FROM: U.S. SECURITIES AND EXCHANGE COMMISSION
SEC Charges Medlink International and Two Executives with Fraudulent Filing
The Securities and Exchange Commission today announced that it filed a civil injunctive action against MedLink International, Inc., its CEO, Aurelio Vuono, and its CFO, James Rose, accusing them of filing an annual report falsely stating that its audit had been completed and defrauding a MedLink investor. MedLink's principal office is in Hauppauge, New York, and it purports to be a healthcare information technology company. Vuono, age 46 and a recidivist securities law violator, resides in Huntington Station, New York. Rose, age 33, resides in Hauppauge, New York.
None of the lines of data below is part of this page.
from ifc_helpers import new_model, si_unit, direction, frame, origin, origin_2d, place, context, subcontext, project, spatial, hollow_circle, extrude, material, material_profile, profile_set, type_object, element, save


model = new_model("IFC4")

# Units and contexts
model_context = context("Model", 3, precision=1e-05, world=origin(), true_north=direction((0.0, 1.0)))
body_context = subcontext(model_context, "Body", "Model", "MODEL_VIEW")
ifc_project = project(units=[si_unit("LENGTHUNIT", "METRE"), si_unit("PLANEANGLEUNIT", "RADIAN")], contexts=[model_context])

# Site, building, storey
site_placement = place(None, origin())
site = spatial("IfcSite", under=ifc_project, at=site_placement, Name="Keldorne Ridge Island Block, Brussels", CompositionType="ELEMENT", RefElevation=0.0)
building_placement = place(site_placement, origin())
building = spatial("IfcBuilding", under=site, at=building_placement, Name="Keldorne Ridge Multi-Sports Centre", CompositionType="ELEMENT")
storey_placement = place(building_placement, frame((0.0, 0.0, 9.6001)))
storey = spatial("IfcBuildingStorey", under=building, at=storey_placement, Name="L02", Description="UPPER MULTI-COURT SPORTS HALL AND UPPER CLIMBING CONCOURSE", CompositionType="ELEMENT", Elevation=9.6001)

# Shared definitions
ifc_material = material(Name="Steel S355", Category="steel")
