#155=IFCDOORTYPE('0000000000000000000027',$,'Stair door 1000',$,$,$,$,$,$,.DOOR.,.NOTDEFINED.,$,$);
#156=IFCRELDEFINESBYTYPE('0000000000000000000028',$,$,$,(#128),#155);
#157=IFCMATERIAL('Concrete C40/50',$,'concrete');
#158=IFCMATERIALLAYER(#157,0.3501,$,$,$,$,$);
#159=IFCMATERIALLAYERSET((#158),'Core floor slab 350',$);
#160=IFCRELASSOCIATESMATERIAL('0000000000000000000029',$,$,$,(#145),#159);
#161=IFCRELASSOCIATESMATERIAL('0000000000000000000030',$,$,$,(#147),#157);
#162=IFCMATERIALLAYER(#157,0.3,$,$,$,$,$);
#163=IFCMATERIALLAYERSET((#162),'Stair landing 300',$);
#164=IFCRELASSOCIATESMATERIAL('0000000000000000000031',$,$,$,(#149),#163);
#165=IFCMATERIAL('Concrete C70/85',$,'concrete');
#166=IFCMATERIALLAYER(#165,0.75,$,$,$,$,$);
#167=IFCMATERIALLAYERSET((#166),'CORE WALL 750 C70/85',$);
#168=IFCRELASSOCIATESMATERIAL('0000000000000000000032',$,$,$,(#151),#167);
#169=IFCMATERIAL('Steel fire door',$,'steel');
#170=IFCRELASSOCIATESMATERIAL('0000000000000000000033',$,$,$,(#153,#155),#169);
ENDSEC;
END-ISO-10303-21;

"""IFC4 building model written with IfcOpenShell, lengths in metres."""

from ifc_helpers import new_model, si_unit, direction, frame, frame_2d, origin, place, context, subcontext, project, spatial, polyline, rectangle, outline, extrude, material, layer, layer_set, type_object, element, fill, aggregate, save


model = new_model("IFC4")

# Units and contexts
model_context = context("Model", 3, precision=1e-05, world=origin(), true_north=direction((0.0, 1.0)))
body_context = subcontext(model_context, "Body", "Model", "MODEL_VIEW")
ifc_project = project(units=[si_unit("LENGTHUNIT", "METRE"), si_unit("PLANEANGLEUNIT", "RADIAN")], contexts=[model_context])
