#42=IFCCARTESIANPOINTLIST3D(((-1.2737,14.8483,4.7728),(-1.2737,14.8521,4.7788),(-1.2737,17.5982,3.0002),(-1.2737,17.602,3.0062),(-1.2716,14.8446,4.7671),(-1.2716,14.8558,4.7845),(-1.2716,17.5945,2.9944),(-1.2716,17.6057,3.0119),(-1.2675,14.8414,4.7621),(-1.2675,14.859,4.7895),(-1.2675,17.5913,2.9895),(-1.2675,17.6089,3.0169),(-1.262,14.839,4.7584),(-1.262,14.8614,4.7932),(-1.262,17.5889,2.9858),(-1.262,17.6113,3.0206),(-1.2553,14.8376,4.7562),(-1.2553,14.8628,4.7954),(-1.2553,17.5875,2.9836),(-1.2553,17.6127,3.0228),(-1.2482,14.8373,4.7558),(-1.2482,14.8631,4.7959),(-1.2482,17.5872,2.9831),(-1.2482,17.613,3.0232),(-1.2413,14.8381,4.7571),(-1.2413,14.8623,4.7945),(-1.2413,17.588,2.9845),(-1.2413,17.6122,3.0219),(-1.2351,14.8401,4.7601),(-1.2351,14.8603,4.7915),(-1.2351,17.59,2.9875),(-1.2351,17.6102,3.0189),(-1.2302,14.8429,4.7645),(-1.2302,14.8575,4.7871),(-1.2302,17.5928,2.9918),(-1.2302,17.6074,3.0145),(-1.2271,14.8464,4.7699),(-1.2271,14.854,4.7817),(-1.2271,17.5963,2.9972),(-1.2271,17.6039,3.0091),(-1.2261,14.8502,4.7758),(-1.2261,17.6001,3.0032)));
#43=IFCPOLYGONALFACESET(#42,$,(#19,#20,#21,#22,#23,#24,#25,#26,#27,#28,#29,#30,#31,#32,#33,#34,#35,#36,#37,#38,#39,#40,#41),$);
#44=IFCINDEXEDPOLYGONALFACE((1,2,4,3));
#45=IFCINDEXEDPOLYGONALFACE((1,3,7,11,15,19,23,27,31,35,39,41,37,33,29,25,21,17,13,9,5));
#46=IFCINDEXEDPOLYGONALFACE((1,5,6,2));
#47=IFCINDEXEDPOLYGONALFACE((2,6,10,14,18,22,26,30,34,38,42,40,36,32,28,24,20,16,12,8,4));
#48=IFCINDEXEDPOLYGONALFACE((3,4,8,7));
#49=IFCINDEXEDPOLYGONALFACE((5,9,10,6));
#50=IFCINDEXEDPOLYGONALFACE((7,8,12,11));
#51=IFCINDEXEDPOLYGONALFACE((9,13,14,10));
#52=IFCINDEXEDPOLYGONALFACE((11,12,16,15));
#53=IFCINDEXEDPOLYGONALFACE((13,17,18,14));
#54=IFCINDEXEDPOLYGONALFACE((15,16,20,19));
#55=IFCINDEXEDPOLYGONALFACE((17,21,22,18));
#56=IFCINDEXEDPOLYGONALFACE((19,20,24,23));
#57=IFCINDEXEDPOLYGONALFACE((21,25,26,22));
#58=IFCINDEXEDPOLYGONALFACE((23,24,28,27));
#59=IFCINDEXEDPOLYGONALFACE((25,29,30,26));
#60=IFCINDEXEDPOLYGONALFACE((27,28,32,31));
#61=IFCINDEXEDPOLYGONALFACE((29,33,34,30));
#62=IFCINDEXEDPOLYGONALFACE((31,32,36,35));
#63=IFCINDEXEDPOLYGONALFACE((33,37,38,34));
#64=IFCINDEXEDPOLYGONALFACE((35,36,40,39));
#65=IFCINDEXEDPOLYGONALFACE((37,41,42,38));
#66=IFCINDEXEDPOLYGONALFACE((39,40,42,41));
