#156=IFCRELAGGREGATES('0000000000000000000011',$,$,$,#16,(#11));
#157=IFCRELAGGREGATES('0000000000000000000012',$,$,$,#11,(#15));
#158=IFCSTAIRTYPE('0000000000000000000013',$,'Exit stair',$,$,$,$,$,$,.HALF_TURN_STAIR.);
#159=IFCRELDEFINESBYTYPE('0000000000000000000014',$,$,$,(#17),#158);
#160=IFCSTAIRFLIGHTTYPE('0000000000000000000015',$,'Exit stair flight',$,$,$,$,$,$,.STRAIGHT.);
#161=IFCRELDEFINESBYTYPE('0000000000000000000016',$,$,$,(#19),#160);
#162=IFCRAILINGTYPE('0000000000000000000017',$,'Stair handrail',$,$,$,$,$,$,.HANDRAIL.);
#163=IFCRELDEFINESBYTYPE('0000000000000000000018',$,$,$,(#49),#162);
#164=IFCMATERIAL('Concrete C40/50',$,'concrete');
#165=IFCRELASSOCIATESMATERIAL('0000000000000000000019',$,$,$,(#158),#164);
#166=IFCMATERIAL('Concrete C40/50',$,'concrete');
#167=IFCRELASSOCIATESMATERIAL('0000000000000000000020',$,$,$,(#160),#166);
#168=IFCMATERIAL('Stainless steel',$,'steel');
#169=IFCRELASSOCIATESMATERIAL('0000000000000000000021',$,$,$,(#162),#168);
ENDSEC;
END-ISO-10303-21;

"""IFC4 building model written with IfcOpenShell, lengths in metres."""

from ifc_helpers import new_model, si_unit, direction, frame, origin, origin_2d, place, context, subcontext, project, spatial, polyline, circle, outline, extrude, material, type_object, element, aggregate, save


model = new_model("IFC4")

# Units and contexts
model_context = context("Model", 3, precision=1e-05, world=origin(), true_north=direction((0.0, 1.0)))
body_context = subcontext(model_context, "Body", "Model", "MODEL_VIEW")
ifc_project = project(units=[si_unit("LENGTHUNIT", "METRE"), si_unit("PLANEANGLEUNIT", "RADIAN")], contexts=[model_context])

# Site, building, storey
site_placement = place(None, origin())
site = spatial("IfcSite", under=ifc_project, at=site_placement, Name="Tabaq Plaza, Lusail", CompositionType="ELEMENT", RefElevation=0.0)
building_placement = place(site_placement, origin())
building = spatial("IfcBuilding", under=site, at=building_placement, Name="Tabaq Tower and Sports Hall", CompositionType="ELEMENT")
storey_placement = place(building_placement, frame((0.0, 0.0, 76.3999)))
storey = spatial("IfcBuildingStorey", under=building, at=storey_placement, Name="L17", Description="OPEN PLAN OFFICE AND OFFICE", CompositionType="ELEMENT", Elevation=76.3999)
The Commission's complaint, filed October 24, 2012 in U.S. District Court in Brooklyn, New York, alleges that on April 25, 2011, MedLink filed with the Commission an annual report on Form 10-K for the year ended December 31, 2010. Included in the filing was an audit report with the electronic signature of MedLink's auditor, which stated that the auditor had conducted an audit of MedLink's financial statements for the years ended December 31, 2009 and 2010. The complaint alleges that the Form 10-K was false and misleading because the audit had not been completed, and the auditor had not authorized MedLink to include the audit report or to use its electronic signature. The complaint also alleges that the Form 10-K was false and misleading because it contained the electronic signature of MedLink's founder and director, even though the director had not reviewed it nor authorized use of his electronic signature.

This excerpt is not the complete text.